I made 2 batches of Fries, but now I gotta try some other stuff.

I ordered a couple Air Fryer Recipe books. We'll see.

Bear


----------



## smokin monkey (Jan 29, 2017)

The Air Fryers are great, might look at getting Fry Cutter.


----------



## Bearcarver (Jan 30, 2017)

gary s said:


> Neat Toys, and practical  Fries look great
> 
> Gary


Thank You Gary!!

bear


SmokinAl said:


> Looks like a perfect Christmas present!
> 
> Al


Thanks Al !!

Bear


----------



## tropics (Jan 30, 2017)

Bear That looks great I like the fact that you Peeled the taters,( No Tater Skins For Me) 

The Veal patties did you use the fryer for them?

Richie


----------



## xray (Jan 30, 2017)

I always wondered about air fryers because I don't have an oil fryer and probably never will. I have nothing against them, I love fried food and don't want to venture down that road.

Those fries look yummy. I could eat them everyday!


----------



## Bearcarver (Jan 30, 2017)

GaryHibbert said:


> I always wondered about hot air friers--whether the fries would be browned and crisp up or just soggy like nuked frozen fries.  Yours look great.  Might have to look into this further.
> 
> Gary


Jury's still out, but as for the Fries---They are Awesome!!!

I'll learn more when I get the recipe books I ordered.

Bear


c farmer said:


> My parents love their air frier.   Works vet well.
> 
> Looks like a yummy meal.


It's a Pretty Neat thing---Easy to use, but I gotta learn a lot on times & temps, etc, etc.

Bear


----------



## gary s (Jan 30, 2017)

Only Hot air gadget we ever had was a pop corn popper back in the 80's worked great just like it was supposed to,

Good Healthy Pop Corn  But then I would take it and pour butter over it and salt it. Kinda defeated the purpose for me.

I'll bet they have come a long way since then. Be waiting on Bears full report

Gary


----------



## Bearcarver (Jan 31, 2017)

Smokin Monkey said:


> The Air Fryers are great, might look at getting Fry Cutter.


The thing that's nice about the Fry Cutters is that most of the fries are exactly the same size---Makes them cook more evenly.

Bear


tropics said:


> Bear That looks great I like the fact that you Peeled the taters,( No Tater Skins For Me)
> 
> The Veal patties did you use the fryer for them?
> 
> Richie


Thanks Richie!!

I don't mind skins on big old Steak Fries, but not on regular fries.

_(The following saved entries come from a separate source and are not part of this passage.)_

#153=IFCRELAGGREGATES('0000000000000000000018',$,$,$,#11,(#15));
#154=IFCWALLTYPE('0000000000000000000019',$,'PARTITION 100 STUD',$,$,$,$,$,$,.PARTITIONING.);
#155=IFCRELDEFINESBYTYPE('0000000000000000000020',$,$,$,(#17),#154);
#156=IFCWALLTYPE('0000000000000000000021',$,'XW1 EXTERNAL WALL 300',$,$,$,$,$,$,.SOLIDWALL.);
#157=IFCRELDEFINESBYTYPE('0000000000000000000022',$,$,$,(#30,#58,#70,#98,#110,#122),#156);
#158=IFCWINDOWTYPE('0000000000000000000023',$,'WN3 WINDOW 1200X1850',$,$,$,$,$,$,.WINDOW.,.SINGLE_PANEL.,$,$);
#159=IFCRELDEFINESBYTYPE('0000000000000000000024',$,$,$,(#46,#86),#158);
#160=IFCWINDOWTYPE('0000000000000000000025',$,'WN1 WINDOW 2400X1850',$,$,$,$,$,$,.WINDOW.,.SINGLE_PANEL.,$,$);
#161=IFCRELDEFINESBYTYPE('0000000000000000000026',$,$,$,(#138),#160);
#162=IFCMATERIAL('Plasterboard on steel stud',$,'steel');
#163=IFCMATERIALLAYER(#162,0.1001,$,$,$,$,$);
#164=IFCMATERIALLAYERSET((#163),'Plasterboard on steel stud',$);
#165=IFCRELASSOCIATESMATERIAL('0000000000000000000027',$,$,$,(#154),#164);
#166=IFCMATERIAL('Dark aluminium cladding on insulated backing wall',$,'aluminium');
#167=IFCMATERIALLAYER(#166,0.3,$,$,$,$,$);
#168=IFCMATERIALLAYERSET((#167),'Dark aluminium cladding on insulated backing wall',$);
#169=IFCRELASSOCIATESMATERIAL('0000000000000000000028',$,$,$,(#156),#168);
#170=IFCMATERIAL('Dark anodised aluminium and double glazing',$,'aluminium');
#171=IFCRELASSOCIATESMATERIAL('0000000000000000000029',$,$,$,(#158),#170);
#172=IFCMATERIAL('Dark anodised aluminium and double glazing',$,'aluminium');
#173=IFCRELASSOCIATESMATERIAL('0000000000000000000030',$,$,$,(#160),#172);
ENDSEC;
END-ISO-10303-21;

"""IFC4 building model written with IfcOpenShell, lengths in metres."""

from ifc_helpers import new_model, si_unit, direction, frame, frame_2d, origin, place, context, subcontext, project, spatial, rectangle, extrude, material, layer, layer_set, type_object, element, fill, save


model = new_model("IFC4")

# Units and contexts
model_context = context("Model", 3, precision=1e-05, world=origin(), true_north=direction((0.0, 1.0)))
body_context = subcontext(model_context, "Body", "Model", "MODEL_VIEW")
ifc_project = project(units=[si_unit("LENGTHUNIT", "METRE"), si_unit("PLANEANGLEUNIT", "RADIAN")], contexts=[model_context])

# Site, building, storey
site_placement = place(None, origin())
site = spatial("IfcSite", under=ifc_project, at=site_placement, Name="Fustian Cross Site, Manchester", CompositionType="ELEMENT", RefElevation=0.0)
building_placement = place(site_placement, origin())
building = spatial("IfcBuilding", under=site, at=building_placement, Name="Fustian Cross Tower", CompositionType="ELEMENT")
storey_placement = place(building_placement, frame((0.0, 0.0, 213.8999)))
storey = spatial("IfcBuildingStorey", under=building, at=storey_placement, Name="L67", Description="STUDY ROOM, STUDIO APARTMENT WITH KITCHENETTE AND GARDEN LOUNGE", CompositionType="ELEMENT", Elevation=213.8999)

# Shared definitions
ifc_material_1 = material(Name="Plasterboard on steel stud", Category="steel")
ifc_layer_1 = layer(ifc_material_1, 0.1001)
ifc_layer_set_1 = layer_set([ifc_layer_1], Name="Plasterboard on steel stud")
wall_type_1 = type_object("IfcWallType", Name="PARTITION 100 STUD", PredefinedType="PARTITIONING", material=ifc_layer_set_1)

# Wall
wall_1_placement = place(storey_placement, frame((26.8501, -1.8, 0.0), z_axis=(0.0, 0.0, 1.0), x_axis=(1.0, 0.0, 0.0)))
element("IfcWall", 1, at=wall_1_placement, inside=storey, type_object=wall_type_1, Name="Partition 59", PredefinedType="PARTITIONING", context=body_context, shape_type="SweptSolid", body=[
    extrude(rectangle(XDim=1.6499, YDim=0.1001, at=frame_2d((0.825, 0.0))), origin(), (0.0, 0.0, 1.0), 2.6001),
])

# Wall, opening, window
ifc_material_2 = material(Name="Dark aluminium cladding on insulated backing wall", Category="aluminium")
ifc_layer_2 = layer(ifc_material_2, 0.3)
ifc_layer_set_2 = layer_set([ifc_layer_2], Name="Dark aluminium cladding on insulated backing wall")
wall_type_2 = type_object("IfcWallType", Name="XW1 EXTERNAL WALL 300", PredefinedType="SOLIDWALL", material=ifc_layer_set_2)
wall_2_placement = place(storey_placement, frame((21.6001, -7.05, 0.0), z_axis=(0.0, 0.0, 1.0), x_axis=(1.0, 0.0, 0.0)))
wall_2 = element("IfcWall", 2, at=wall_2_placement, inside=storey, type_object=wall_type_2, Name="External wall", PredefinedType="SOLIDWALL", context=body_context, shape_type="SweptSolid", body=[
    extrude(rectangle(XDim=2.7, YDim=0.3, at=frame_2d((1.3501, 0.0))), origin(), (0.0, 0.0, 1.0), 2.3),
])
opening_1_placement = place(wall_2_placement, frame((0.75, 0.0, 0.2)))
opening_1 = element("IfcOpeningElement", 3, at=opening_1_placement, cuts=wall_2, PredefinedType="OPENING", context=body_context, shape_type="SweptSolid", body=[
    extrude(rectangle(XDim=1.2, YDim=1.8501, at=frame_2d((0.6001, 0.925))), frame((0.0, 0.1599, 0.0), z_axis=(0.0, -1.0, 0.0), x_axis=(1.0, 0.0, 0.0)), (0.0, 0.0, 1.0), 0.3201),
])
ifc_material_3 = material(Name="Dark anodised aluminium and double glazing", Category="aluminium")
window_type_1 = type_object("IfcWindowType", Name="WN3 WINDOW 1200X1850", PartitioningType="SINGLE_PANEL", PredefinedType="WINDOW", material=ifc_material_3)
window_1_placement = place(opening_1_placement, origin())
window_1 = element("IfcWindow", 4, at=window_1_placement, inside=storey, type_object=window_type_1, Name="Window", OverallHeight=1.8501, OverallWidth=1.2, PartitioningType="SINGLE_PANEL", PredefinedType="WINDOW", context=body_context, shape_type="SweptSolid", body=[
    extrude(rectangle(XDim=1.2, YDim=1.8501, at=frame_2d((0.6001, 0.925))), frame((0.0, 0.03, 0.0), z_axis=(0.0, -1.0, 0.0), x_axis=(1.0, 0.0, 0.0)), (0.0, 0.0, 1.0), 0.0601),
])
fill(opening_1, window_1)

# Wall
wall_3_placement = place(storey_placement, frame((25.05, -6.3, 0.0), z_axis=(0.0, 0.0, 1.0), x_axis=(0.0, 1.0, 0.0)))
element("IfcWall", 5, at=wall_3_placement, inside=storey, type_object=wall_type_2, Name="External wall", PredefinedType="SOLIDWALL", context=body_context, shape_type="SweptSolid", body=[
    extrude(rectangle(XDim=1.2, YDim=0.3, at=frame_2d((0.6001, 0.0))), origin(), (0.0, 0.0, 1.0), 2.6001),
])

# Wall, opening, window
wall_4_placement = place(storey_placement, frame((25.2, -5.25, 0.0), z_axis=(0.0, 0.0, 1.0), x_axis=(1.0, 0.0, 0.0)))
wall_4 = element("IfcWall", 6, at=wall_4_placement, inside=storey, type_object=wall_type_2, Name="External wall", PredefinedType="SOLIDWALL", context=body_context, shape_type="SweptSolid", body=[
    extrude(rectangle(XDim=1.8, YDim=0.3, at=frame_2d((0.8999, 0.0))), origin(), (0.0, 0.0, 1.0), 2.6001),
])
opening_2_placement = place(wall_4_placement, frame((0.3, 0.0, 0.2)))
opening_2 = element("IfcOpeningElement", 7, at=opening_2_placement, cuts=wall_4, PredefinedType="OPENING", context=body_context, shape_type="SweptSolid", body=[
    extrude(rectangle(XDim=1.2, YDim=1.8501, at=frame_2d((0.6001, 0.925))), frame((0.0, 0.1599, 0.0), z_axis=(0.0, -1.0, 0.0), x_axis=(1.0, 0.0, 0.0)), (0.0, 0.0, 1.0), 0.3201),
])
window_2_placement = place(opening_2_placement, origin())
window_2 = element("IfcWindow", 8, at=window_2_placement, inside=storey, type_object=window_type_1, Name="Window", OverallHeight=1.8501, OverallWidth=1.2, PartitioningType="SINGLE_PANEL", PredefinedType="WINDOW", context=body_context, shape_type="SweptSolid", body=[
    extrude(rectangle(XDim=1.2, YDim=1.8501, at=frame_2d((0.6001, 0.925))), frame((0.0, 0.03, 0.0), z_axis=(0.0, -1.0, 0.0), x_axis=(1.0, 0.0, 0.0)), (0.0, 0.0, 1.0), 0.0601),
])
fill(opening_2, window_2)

Mrs Bear made the 4 Patties in a baking dish in the oven. The Air fryer isn't big enough for that much.


Xray said:


> I always wondered about air fryers because I don't have an oil fryer and probably never will. I have nothing against them, I love fried food and don't want to venture down that road.
> 
> Those fries look yummy. I could eat them everyday!


Our Son gave us a big fancy Deep Fryer years ago, but we never used it much, so the oil would go bad, and we had to store it in a closet most of the time.

This thing uses no oil, and the Fries are Great, plus like I said I gotta learn other things to do with it.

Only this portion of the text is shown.